Question posée par QG13 le 01/05/2019
Bonjour,
Voici votre question, que nous avons modifiée : «Je souhaiterais savoir ce que nous fêtons le 1er mai exactement ? La « fête du travail » semble être banalisée mais des élus communistes appellent à l’historicité de la « Journée des travailleurs ». « Fête du travail » est-il une déformation ?»
A peu près au même moment où vous nous posiez cette question, Emmanuel Macron tweetait : «Le 1er mai est la fête de toutes celles et ceux qui aiment le travail, le chérissent, parce qu’ils produisent, parce qu’ils forment, parce qu’ils savent que par le travail nous construisons.»
Le #1erMai est la fête de toutes celles et ceux qui aiment le travail, le chérissent, parce qu’ils produisent, parce qu’ils forment, parce qu’ils savent que par le travail nous construisons l’avenir. Merci de porter ces valeurs et d’œuvrer chaque jour pour notre Nation.

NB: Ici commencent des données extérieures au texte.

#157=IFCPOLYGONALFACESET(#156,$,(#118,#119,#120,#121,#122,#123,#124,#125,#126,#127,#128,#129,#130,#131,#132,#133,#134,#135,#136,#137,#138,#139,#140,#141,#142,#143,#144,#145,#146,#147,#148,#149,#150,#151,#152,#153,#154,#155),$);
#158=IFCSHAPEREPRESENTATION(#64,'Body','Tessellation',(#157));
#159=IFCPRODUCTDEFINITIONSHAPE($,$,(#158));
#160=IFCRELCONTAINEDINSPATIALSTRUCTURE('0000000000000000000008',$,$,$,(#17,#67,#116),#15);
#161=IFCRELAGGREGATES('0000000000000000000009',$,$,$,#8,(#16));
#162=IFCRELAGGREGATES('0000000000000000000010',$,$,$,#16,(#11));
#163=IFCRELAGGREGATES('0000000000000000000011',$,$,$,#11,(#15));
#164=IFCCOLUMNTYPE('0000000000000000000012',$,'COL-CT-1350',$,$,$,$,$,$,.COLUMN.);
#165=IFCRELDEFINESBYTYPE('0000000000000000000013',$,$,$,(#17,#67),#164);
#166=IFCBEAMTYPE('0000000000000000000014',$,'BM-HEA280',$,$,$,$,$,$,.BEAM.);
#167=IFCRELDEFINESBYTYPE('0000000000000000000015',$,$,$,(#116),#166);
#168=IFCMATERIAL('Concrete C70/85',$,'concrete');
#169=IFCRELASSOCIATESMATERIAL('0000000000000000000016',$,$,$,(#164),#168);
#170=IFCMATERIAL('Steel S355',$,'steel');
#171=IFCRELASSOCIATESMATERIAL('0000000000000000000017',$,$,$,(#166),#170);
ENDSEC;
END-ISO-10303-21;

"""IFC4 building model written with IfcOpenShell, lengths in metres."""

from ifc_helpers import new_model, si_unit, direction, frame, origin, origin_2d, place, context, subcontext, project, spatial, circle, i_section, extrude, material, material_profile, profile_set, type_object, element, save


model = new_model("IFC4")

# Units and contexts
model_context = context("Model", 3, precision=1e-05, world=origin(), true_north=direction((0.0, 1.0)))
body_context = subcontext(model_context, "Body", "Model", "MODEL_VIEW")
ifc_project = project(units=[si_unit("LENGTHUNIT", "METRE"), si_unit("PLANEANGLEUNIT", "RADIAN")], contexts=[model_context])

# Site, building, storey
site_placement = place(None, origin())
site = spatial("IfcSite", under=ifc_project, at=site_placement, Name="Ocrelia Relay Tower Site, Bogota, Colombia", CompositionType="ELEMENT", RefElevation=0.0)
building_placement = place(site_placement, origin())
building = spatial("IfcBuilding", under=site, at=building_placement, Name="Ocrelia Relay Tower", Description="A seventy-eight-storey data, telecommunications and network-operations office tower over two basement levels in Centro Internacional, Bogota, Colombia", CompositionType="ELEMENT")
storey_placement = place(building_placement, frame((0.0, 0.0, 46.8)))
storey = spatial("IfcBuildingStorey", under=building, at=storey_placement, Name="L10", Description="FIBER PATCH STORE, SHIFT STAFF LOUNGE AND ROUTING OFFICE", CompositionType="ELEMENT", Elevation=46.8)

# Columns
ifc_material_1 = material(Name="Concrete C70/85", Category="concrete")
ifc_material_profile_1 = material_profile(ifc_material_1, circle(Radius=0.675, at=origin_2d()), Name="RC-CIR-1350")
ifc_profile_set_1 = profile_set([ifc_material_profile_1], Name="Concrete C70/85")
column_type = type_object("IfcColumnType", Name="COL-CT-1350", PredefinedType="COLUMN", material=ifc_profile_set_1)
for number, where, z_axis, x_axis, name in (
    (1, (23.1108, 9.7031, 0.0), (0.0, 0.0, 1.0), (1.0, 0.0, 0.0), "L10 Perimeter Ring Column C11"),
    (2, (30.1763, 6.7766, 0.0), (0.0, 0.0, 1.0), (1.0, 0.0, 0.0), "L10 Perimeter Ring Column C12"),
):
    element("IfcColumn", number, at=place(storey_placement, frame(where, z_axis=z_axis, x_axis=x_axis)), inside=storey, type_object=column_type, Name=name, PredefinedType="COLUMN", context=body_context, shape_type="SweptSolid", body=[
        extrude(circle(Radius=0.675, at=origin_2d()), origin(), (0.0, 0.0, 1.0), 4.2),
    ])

— Emmanuel Macron (@EmmanuelMacron) May 1, 2019
Des propos célébrant le travail, qui n’ont pas manqué de faire grincer des dents. Car si on l’appelle «Fête du travail», le 1er mai est d’abord la «Fête des travailleuses et des travailleurs». Et ses origines, loin de valoriser l’effort de production, sont avant tout teintées d’anarchisme.
Anarchisme et printemps
Le 1er mai 1886, des ouvriers entrent en grève pour réclamer la journée de 8h. Le mouvement social est appuyé dans ses revendications par les anarchistes, bien implantées dans le pays, et notamment à Chicago, foyer de la contestation. Rapidement, la situation se tend. Le 4 mai 1886, au Haymarket Square, plusieurs centaines de milliers de personnes se réunissent. Des policiers sont tués par l’explosion d’une bombe et leurs collègues tirent dans la foule. Les anarchistes sont désignés comme responsables des violences : quatre seront pendus, avant d’être par la suite réhabilités.

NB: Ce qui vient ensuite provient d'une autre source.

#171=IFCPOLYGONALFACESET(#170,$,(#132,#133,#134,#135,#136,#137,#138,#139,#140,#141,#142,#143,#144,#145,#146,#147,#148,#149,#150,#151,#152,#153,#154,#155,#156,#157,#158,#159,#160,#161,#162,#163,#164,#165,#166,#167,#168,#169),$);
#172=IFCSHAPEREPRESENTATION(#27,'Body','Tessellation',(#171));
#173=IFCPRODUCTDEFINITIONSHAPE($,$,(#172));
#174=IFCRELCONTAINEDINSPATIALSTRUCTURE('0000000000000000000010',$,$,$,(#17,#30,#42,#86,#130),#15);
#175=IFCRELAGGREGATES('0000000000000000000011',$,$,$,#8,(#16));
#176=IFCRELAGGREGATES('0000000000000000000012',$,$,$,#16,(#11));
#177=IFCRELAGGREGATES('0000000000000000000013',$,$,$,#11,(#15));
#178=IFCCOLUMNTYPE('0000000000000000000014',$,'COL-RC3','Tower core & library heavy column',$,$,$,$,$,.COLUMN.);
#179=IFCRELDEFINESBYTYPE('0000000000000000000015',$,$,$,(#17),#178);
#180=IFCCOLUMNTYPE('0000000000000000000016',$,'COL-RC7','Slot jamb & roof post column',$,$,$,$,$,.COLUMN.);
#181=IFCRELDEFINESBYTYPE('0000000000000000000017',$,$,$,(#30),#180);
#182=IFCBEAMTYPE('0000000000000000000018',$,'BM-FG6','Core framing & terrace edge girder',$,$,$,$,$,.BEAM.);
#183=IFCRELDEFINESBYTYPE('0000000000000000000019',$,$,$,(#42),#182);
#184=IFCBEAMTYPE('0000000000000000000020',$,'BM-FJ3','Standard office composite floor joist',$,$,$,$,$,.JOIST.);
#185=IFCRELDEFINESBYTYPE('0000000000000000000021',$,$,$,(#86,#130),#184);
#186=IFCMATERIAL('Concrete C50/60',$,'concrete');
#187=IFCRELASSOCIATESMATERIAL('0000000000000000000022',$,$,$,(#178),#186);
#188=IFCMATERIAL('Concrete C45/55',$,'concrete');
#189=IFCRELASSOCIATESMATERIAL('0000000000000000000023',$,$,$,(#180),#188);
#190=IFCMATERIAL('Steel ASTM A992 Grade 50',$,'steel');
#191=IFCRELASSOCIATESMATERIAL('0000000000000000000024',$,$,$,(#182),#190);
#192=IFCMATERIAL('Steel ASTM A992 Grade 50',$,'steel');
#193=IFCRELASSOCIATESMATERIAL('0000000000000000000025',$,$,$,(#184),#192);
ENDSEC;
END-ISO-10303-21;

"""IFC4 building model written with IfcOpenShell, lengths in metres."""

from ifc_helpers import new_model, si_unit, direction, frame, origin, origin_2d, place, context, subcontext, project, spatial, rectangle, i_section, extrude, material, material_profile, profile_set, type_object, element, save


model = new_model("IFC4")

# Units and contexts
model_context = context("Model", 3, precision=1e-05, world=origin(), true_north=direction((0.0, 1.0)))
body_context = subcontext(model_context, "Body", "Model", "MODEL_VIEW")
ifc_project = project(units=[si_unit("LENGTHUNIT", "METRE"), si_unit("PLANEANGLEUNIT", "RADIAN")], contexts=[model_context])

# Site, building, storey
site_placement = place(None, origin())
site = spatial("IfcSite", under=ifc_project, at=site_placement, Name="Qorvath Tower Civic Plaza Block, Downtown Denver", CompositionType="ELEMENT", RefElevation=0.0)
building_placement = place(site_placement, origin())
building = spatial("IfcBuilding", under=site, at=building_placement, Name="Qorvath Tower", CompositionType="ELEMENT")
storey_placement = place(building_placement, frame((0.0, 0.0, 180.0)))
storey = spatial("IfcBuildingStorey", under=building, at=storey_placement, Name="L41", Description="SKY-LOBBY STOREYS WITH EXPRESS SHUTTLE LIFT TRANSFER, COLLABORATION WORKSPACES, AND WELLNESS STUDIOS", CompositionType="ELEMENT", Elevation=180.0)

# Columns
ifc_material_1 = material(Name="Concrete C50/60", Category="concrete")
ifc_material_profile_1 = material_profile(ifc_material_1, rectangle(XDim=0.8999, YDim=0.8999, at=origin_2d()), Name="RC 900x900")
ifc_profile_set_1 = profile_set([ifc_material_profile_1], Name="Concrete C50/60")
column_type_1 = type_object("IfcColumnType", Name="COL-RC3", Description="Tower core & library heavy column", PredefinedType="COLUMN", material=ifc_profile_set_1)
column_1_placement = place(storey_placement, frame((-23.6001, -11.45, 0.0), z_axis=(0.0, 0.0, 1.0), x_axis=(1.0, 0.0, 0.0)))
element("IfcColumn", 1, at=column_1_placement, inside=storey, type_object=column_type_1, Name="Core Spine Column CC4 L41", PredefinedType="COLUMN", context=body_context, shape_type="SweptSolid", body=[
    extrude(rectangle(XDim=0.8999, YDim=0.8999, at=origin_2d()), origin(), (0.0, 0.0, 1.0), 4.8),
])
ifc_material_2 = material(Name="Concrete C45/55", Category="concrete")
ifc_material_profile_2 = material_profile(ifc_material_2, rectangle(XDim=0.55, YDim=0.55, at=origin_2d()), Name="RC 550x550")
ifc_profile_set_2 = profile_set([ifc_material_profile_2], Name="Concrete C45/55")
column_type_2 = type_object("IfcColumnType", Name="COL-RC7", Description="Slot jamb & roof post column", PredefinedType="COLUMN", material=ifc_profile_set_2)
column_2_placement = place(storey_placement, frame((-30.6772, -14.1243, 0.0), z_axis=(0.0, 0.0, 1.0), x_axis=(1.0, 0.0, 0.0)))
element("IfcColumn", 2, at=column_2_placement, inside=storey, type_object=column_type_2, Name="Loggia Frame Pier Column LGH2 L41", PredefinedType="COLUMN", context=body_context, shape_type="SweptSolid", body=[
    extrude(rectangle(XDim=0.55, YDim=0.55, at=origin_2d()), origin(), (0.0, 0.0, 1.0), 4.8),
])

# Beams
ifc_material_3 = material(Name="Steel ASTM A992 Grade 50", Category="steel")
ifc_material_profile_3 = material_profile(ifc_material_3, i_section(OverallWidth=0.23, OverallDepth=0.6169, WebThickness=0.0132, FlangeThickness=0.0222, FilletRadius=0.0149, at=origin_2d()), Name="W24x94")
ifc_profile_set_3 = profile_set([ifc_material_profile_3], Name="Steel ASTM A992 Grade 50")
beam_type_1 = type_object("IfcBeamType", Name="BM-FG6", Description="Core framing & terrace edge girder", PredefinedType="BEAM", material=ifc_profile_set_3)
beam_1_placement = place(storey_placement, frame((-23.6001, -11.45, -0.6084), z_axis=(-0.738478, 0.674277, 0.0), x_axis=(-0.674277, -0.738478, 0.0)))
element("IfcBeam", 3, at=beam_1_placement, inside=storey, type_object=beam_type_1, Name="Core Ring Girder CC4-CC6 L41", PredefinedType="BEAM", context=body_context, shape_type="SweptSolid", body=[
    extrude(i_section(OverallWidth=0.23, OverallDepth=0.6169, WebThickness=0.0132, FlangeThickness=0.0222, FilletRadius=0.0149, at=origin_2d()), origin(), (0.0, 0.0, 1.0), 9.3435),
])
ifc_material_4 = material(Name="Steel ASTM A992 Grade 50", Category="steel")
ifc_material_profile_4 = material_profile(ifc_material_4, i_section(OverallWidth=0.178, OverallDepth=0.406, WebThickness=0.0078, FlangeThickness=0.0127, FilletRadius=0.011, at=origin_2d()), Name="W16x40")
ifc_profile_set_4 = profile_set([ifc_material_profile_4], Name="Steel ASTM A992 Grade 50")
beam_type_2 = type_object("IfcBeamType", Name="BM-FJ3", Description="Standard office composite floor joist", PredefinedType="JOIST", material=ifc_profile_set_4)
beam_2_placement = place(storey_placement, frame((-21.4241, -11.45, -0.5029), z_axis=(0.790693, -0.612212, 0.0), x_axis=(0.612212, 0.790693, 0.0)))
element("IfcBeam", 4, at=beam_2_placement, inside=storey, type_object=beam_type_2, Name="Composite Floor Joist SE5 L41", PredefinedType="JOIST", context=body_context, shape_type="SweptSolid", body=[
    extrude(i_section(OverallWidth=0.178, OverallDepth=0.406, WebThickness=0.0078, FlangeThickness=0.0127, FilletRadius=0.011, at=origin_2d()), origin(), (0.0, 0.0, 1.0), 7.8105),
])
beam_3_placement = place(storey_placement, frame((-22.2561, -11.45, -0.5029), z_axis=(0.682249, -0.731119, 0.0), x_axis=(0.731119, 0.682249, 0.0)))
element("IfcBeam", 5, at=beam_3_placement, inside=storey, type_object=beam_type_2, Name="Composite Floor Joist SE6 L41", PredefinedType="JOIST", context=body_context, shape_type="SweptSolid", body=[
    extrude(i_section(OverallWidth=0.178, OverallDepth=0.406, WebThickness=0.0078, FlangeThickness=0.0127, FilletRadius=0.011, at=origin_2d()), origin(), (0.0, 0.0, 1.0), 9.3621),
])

C’est en mémoire de cette grève, et des manifestants et des anarchistes tués pour avoir réclamé la journée de huit heures, que lors de son congrès fondateur, la deuxième internationale (ou internationale socialiste), choisit le 1er mai comme date dédiée aux revendications des travailleuses et des travailleurs. Nous sommes en 1889, et partout dans le monde, «le 1er mai se teinte de rouge et de noir, les couleurs du socialisme et de l’anarchisme», résume Fabrice Drouelle dans Affaires sensibles.

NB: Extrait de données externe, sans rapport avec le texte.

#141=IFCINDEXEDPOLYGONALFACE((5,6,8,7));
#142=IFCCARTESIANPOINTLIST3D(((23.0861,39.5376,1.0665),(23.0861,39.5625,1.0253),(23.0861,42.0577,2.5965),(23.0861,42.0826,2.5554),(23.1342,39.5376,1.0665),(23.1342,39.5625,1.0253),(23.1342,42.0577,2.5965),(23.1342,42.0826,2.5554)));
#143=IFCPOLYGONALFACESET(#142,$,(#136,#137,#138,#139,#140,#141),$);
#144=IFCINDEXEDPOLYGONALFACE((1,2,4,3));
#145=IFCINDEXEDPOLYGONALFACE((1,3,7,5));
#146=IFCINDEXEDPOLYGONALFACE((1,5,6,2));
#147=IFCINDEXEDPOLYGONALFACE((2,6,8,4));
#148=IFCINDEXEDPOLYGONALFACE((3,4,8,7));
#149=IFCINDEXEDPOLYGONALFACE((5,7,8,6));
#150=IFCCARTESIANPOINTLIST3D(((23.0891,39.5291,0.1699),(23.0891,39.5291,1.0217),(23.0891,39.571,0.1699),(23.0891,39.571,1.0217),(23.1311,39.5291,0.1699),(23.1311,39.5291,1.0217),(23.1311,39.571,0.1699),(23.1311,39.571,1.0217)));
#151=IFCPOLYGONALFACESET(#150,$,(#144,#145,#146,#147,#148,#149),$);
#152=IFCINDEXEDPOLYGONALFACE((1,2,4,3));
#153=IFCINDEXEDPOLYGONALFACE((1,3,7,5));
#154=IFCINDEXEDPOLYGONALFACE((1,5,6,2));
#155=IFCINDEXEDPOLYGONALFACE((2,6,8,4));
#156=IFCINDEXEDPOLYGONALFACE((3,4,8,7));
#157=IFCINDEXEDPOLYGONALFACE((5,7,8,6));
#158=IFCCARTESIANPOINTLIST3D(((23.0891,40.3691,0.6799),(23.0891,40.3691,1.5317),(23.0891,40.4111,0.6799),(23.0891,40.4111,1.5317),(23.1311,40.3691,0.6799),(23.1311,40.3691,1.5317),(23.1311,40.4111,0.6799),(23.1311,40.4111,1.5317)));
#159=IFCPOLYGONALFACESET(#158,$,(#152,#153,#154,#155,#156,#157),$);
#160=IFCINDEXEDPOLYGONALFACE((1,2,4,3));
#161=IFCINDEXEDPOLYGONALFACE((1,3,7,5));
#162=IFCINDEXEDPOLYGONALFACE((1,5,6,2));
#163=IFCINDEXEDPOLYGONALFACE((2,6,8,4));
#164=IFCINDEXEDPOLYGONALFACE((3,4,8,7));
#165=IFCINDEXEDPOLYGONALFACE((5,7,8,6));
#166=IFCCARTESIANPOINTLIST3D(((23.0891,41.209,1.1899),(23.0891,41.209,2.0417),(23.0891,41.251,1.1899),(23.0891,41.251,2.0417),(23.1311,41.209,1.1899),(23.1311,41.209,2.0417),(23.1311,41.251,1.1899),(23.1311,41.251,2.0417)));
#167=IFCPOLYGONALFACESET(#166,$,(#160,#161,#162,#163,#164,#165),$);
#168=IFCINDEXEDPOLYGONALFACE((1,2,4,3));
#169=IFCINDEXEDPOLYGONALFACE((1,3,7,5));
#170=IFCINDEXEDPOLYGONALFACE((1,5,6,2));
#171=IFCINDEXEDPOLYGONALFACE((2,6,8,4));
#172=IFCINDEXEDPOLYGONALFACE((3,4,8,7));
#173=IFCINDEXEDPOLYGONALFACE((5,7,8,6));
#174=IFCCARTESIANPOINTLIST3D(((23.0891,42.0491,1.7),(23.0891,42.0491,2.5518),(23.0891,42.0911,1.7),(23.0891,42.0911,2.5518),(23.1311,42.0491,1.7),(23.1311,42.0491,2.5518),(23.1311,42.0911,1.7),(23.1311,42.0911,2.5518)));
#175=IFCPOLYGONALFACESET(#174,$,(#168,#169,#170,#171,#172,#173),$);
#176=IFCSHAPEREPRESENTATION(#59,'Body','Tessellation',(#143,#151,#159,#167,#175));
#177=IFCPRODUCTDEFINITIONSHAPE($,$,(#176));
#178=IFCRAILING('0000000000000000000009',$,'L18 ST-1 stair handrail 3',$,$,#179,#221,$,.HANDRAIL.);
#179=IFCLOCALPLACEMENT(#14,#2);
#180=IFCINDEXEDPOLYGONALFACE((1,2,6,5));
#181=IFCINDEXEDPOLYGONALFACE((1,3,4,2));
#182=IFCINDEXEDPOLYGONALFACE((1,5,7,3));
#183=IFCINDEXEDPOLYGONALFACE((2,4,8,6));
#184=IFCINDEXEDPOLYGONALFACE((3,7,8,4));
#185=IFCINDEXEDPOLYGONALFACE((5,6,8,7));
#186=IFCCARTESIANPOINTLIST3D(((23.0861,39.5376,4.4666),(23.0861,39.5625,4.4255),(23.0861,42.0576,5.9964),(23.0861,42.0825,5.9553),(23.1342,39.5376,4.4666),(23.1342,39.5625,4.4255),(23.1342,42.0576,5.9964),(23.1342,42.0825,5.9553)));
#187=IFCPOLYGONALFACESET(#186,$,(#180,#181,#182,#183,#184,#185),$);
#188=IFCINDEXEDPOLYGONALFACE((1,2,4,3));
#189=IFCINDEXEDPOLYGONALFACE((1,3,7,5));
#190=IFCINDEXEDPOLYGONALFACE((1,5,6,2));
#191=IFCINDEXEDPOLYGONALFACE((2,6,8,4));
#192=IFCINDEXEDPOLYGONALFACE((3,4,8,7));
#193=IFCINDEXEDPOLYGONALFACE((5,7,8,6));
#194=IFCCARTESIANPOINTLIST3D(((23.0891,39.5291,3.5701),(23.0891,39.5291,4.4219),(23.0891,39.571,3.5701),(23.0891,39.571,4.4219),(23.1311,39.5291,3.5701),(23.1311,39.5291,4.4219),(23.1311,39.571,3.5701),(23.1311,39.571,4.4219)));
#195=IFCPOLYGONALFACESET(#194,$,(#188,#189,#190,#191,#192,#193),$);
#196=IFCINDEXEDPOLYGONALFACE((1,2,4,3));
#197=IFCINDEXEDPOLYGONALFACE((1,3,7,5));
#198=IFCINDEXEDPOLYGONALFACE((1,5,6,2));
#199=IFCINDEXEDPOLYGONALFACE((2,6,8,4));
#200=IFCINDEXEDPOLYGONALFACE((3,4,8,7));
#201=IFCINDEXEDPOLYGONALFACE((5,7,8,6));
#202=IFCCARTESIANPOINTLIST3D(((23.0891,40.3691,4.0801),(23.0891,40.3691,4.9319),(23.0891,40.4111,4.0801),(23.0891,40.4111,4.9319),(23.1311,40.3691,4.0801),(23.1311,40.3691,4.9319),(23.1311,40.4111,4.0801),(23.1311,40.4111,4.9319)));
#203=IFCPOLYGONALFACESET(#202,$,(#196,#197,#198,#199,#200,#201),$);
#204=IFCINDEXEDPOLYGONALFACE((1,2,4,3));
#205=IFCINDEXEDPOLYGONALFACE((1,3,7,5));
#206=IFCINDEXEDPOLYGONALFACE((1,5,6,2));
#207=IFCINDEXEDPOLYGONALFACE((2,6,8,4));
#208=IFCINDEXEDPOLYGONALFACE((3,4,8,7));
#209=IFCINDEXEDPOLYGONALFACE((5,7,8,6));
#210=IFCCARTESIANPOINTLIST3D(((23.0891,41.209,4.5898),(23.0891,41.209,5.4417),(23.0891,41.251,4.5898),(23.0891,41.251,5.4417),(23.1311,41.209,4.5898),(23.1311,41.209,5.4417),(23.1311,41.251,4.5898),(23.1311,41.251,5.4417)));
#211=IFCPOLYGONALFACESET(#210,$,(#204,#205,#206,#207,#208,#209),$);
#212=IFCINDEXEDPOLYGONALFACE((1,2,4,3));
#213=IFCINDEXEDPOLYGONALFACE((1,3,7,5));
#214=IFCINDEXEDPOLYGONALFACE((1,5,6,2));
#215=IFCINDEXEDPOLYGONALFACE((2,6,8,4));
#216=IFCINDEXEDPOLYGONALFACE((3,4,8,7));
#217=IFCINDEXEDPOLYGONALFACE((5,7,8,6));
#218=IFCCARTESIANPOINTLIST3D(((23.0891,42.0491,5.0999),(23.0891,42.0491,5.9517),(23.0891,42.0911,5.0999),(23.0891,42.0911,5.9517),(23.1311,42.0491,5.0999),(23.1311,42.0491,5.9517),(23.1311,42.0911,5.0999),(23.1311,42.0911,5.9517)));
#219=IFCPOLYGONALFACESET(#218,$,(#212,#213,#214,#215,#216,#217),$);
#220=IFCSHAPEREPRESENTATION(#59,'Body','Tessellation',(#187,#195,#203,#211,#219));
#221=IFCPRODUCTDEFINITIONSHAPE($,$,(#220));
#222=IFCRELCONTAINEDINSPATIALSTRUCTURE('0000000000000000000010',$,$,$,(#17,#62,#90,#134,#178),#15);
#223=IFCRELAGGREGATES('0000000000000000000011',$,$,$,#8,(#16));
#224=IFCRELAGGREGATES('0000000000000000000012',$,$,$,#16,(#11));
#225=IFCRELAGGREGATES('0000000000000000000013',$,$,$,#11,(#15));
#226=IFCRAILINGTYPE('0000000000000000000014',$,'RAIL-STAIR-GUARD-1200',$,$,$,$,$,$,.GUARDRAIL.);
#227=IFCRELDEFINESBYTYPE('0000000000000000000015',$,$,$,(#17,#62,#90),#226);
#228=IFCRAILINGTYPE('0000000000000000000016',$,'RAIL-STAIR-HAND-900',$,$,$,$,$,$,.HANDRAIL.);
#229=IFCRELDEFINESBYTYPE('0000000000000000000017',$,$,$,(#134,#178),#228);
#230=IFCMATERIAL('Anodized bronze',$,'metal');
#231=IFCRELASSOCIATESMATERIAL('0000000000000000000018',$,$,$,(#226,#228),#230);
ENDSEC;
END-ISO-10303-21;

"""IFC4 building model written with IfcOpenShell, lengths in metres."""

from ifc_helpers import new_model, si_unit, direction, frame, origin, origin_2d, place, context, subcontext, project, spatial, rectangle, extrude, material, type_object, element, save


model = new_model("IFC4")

«Selon l’historien Éric Hobsbawn, cette nouvelle tradition s’établit en se greffant au symbolisme des anciennes coutumes folkloriques lié aux fêtes printanières», écrit par ailleurs l’Encyclopédie canadienne.
De Clémenceau à Vichy
Le 1er mai devient donc une journée de manifestation dès la fin du XIXe siècle. A l’aube des années 1900, le sang coule à plusieurs reprises alors que des ouvriers demandent plus de droits. Par exemple à «Fourmies en 1891 ou Paris en 1906», esquisse pudiquement le ministère du Travail sur sa page consacrée au 1er mai - il n’y est d’ailleurs pas question des origines anarchistes de cette date. Finalement, «le gouvernement de Georges Clémenceau crée le ministère du Travail en octobre 1906 pour devenir le réceptacle des revendications des ouvriers.»
Les termes de «Fête du travail» prennent le pas en 1942, quand le régime de Vichy intègre le 1er mai à sa propagande. «En effet, la IIIe République ayant toujours refusé de faire du 1er mai une fête officielle, son officialisation par les lois d’avril 1941 fut une douce revanche pour le régime, écrit Rémi Dalisson, historien de la culture dans un essai sur la propagande festive de Vichy. Baptisé « Fête du travail et de la concorde sociale », on lui adjoignit souvent le nom du saint du jour, la Saint-Philippe ou « Fête du Maréchal », manière de montrer la place centrale du chef et de contribuer à son culte.»
Pour trancher définitivement, on notera «Fête du travail» et «Fête des travailleuses et des travailleurs» ne tombent pas le même jour au Canada - il en va de même aux Etats-Unis. Et si la première est en septembre, la seconde a bien lieu le 1er mai.